# Question Regarding Sale of Ammo



## RobBall687 (Oct 17, 2014)

I've been reloading my own ammo and I had a few questions regarding the legality of selling ammo.
Currently I have only been reloading to support my own habit because 45ACP is so expensive. And occasionally I'll make some rounds for my brother pro bono. But I've been asked if i would reload some ammo for a few friends for some cash. 
So I guess my question is it legal for me to sell my reloaded ammo to another private party? Would I just have to make sure they had a LTC?


----------



## RodneyFarva (Jan 18, 2007)

As long as you both have LTCs you should be good to go. however I would never use hand loaded ammo, unless i loaded it my self. If you fuck up a round and someone looses an eye or finger (s) you could be on the hook for it.


----------



## RodneyFarva (Jan 18, 2007)

if your looking to do mass production ammo then you need to review Federal, state, and local laws. I'm not to sure but in Ma you may need a permit if you have an excessive amount of ammo primers and powder. and keep in mind proper storage ect.


----------



## Goose (Dec 1, 2004)

Technically in MA, you need a license to sell ammunition. I think it's just another way to make money...

The BATFE also has a class of Federal Firearms License for ammunition manufacturing.
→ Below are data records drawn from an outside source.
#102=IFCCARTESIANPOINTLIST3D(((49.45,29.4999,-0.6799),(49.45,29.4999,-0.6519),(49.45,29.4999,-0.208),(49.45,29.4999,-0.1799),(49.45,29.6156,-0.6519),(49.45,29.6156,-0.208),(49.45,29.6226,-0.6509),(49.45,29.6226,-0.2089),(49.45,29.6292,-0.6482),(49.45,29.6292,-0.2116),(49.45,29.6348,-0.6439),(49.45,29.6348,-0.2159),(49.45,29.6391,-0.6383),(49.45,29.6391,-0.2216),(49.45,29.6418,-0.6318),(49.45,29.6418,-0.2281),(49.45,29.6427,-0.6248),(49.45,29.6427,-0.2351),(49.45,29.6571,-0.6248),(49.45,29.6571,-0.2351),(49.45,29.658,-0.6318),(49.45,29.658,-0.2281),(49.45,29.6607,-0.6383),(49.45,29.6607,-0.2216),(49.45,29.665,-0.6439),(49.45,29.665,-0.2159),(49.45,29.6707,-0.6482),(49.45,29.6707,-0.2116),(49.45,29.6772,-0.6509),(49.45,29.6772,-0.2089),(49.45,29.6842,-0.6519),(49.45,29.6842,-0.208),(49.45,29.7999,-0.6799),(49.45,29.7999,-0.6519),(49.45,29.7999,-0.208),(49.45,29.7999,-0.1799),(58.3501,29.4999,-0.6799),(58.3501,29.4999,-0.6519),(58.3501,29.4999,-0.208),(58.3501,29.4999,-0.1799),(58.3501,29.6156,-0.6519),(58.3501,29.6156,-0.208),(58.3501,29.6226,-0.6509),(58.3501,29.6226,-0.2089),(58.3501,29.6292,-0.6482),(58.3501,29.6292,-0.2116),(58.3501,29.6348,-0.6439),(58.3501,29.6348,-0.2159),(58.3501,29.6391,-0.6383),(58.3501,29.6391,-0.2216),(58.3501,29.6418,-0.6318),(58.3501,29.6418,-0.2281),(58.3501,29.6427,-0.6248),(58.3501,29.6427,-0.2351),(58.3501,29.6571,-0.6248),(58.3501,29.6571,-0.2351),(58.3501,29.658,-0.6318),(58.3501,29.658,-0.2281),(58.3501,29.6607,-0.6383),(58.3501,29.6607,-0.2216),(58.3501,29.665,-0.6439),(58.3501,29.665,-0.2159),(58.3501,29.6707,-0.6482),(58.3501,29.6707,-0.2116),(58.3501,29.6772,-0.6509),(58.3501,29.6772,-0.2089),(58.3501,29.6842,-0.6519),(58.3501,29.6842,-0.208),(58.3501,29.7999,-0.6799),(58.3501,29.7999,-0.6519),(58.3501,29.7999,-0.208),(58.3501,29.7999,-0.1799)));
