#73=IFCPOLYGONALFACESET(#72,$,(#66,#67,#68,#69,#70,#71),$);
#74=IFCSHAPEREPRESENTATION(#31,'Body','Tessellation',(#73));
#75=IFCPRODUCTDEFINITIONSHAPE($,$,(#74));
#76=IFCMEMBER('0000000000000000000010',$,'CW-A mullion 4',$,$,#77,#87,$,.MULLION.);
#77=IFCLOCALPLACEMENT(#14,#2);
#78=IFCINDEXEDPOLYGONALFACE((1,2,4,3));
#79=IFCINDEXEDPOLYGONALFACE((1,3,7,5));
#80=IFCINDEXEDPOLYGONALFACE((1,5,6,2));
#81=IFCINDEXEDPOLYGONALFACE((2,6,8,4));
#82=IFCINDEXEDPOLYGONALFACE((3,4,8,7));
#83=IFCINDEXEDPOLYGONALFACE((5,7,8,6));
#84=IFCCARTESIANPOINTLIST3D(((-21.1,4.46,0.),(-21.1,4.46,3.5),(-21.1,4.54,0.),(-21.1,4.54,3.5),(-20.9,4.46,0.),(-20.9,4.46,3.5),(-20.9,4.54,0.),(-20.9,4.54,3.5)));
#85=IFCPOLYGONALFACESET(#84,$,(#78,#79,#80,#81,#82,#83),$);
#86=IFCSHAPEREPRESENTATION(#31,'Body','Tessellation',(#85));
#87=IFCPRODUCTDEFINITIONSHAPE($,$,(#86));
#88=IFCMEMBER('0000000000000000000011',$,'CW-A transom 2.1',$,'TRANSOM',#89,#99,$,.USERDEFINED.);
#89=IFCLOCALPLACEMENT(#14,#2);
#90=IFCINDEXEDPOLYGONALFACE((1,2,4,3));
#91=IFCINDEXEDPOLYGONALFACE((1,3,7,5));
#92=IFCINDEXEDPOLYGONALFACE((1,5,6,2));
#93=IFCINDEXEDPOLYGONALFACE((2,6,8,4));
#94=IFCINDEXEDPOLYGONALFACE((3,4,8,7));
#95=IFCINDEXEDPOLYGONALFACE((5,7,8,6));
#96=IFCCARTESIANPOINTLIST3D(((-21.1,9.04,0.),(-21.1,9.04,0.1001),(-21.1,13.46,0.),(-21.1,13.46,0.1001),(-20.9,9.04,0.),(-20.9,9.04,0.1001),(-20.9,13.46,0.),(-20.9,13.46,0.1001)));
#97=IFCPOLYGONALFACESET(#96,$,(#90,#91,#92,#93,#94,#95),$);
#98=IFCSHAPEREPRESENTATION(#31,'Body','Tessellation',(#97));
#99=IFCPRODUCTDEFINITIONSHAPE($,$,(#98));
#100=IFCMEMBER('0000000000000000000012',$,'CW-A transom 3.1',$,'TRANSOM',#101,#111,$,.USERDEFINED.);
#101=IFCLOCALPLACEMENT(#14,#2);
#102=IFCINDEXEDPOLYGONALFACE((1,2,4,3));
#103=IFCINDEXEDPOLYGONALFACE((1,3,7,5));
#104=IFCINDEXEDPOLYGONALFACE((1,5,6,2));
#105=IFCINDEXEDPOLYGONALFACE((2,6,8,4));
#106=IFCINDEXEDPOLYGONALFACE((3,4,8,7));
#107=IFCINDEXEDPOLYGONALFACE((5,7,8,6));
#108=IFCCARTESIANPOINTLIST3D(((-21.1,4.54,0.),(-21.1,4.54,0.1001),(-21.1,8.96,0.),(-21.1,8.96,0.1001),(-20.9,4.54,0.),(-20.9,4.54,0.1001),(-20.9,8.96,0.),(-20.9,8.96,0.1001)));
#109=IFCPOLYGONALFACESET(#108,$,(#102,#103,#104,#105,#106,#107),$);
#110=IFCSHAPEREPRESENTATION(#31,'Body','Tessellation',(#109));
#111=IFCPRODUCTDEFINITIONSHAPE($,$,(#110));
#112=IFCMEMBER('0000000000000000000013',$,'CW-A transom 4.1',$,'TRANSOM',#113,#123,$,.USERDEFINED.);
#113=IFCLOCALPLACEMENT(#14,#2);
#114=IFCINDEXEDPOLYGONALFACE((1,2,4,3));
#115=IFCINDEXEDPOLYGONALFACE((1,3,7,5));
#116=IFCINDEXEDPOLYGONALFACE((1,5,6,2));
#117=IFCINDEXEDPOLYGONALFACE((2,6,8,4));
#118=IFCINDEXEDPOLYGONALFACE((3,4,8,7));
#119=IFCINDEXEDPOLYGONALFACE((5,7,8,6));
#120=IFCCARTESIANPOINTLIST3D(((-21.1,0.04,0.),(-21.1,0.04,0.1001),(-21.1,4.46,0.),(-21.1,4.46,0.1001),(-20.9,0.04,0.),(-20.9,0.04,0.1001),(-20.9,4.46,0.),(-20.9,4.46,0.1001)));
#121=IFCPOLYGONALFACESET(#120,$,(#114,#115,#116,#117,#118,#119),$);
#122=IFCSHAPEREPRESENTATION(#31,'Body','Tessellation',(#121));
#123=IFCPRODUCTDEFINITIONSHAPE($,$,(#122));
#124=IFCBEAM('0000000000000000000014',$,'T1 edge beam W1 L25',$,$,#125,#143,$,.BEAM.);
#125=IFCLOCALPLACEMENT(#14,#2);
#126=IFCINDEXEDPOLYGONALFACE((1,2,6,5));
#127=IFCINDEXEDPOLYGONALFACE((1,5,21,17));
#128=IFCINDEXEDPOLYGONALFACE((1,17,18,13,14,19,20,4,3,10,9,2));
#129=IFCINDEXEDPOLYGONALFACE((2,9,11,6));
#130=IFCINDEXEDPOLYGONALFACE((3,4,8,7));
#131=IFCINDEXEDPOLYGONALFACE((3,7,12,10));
Me, I wouldn't want the liability...

Sent from my flux capacitor using 1.21 gigawatts!


----------



## Mr Scribbles (Jul 7, 2012)

m'eh- just run down to the RMV as soon a Deval gives illegals licenses, and say your name is Juan Doe, then you'll NEVER have to worry about a knock on the door, because it's technically not illegal to be illegal in Massachusetts


----------



## Harley387 (May 1, 2002)

The answer is NO. You must be licensed to sell ammunition and must also pay a federal tax.


----------